It’s a busy time of year, and even though we’re generally having fun, it’s easy for us moms to feel burdened by everything on our shoulders. Holiday cards? Check. Plan for house guests, and decorate in a tasteful but festive manner? Check, check. Shop and cook and clean and entertain and teach and nurture and love and keep the magic of the season alive in the hearts and minds of the next generation? Check, check, check, sip of wine, check, check… Stay sane? Hmmm.
Okay, now take a breath and repeat after me: Your hard work isn’t going unnoticed! You are appreciated! But… if you feel like that’s not the case, then perhaps the people in your life need to be a bit better about vocalizing their gratitude. Have a chat with them about it.
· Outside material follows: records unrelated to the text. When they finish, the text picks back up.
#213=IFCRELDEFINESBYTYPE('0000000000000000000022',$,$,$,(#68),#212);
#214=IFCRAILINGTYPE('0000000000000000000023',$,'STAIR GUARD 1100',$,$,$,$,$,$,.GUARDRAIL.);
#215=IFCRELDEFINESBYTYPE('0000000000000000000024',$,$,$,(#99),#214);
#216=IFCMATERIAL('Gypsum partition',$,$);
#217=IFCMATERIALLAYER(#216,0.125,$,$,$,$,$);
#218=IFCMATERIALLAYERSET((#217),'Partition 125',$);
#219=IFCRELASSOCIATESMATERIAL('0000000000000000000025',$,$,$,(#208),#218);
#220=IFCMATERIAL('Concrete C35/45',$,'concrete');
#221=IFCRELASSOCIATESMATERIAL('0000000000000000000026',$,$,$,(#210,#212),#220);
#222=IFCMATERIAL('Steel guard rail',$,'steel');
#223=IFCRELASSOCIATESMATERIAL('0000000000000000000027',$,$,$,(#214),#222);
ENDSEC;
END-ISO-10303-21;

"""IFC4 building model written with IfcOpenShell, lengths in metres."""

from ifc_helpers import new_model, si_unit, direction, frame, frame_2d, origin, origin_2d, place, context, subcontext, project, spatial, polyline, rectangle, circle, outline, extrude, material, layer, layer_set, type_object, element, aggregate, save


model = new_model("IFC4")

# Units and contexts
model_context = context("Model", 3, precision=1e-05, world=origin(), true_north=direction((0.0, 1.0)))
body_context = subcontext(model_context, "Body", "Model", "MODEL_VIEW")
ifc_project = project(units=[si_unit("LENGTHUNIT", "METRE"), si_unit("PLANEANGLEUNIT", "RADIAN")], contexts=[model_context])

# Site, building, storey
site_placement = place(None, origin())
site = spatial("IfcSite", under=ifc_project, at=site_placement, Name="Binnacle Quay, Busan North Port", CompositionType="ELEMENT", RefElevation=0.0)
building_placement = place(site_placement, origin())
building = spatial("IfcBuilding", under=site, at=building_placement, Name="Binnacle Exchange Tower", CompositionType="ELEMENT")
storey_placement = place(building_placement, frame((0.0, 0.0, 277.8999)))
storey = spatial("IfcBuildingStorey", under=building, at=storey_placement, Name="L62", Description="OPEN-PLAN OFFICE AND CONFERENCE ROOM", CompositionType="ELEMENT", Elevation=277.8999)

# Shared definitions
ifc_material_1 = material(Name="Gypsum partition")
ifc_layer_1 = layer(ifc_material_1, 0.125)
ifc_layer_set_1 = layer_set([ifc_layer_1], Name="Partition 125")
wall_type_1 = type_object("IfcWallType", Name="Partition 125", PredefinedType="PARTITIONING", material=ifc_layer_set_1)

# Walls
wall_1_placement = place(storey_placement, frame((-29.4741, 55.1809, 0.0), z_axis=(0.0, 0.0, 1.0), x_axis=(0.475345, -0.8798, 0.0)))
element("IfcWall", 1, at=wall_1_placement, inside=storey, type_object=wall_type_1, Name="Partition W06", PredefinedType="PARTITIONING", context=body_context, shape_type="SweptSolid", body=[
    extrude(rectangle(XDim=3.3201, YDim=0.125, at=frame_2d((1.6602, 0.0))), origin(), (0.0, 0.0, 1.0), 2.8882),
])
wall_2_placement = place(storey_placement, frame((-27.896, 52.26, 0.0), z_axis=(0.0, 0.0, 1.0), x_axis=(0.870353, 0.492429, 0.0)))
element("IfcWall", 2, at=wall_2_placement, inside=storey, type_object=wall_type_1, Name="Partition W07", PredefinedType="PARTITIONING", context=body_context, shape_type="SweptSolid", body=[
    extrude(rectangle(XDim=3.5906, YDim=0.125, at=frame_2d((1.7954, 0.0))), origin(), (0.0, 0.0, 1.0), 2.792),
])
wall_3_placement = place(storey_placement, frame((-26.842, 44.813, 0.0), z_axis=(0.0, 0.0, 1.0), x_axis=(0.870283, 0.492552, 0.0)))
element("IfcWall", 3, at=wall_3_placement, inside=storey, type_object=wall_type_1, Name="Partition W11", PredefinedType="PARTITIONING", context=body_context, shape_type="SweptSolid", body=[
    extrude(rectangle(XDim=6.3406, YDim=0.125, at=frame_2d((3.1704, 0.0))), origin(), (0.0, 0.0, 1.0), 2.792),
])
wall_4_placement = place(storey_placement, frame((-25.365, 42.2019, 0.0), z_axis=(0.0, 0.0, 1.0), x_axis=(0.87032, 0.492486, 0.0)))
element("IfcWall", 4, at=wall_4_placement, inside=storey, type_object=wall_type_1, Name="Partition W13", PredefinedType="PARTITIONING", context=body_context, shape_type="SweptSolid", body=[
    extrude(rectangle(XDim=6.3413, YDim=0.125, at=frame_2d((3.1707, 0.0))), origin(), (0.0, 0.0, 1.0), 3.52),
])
It could save your sanity, and will definitely make your days a lot happier.
Years ago, after I returned to work after having our first child, I had a slight panic attack (and full fit of resentment against my husband) when I realized how hard it was to live up to all my own expectations as a mom, wife, friend, employee, and individual (not in that order). I felt like I was slogging through life, never able to put 100% into anything, because I was doing everything. Of course, this was not totally accurate – and when I raised the issue with my husband, he thoughtfully commiserated and let me know that he appreciated me talking to him about how I felt… he had no idea! And then he explained that he, too, felt like he was under water. Who would have guessed? But he felt like he didn’t know how to support me, couldn’t figure out what our kid needed, was having a terrible time at work since he was so low on sleep, and never had energy for a good stress-relieving workout. He felt fat and useless, tired and clueless. We were in the same club, after all.
It made us both feel better, to realize that we were not alone in our respective funks… but that’s not what made our conversation a game-changer. Our big takeaway was that sometimes, expressing appreciation made all the difference in the world. Since that time, we’ve made a special effort to check in with each other and vocalize our feelings of gratitude. Nothing else may have changed (as far as being super-busy in all aspects of life), but having that recognition and support has made everything seem so much easier and worthwhile. This parenting/life stuff is no joke!
It’s amazing how a simple “thanks for doing the dishes this morning” helps alleviate feelings of frustration or resentment that might otherwise have lingered after clearing a sink full of family dishes (my nemesis). Several times a week, my husband shoots me a quick text in the afternoon just to check in and see how my day is going at work. Is this necessary? No. But it does make me feel like he’s thinking about me and recognizes that I sometimes need to vent. And when he tells me I’m doing a good job as a mom? That’s powerful enough to make me forget about his last man cold. Likewise, even though my husband and I both work hard, he has an objectively more high-stress and high-stakes career. So instead of resenting that he works long hours, I try and take time to thank him for working hard and still making such an effort to be a 50/50 parent at home. I let him know that I appreciate how he sets a good example for our kids by exercising regularly. When he’s being funny, I say out loud how I’m so happy I married a guy with a great sense of humor.
Don’t get me wrong, we’re not living in some delusion of never ending thanks, 24/7. We have to try hard not to take each other for granted, and vocalizing gratitude isn’t always the most natural thing in the world. It seems like a simple concept, but it takes constant effort to keep from falling complacent. The good news is that the longer we’ve done this, the more natural it’s become. And from my perspective, being aware of what I’m thankful for (so that I can articulate my gratitude) has actually made me more grateful. The cycle feeds itself and has started rubbing off on our kids. That’s right, I express gratitude to my toddlers, and they’ve started expressing it back to me – which goes a long way towards restoring my sanity after a long day with them. The practice has strengthened my friendships and brought me closer to my family. I truly believe that gratitude is a mindset that you either choose to embrace or choose to reject.
Everyone wants to be recognized for their efforts, and everyone wants to make their loved ones feel appreciated. What better time to start this good practice, than the time of the year most focused on togetherness and gratitude?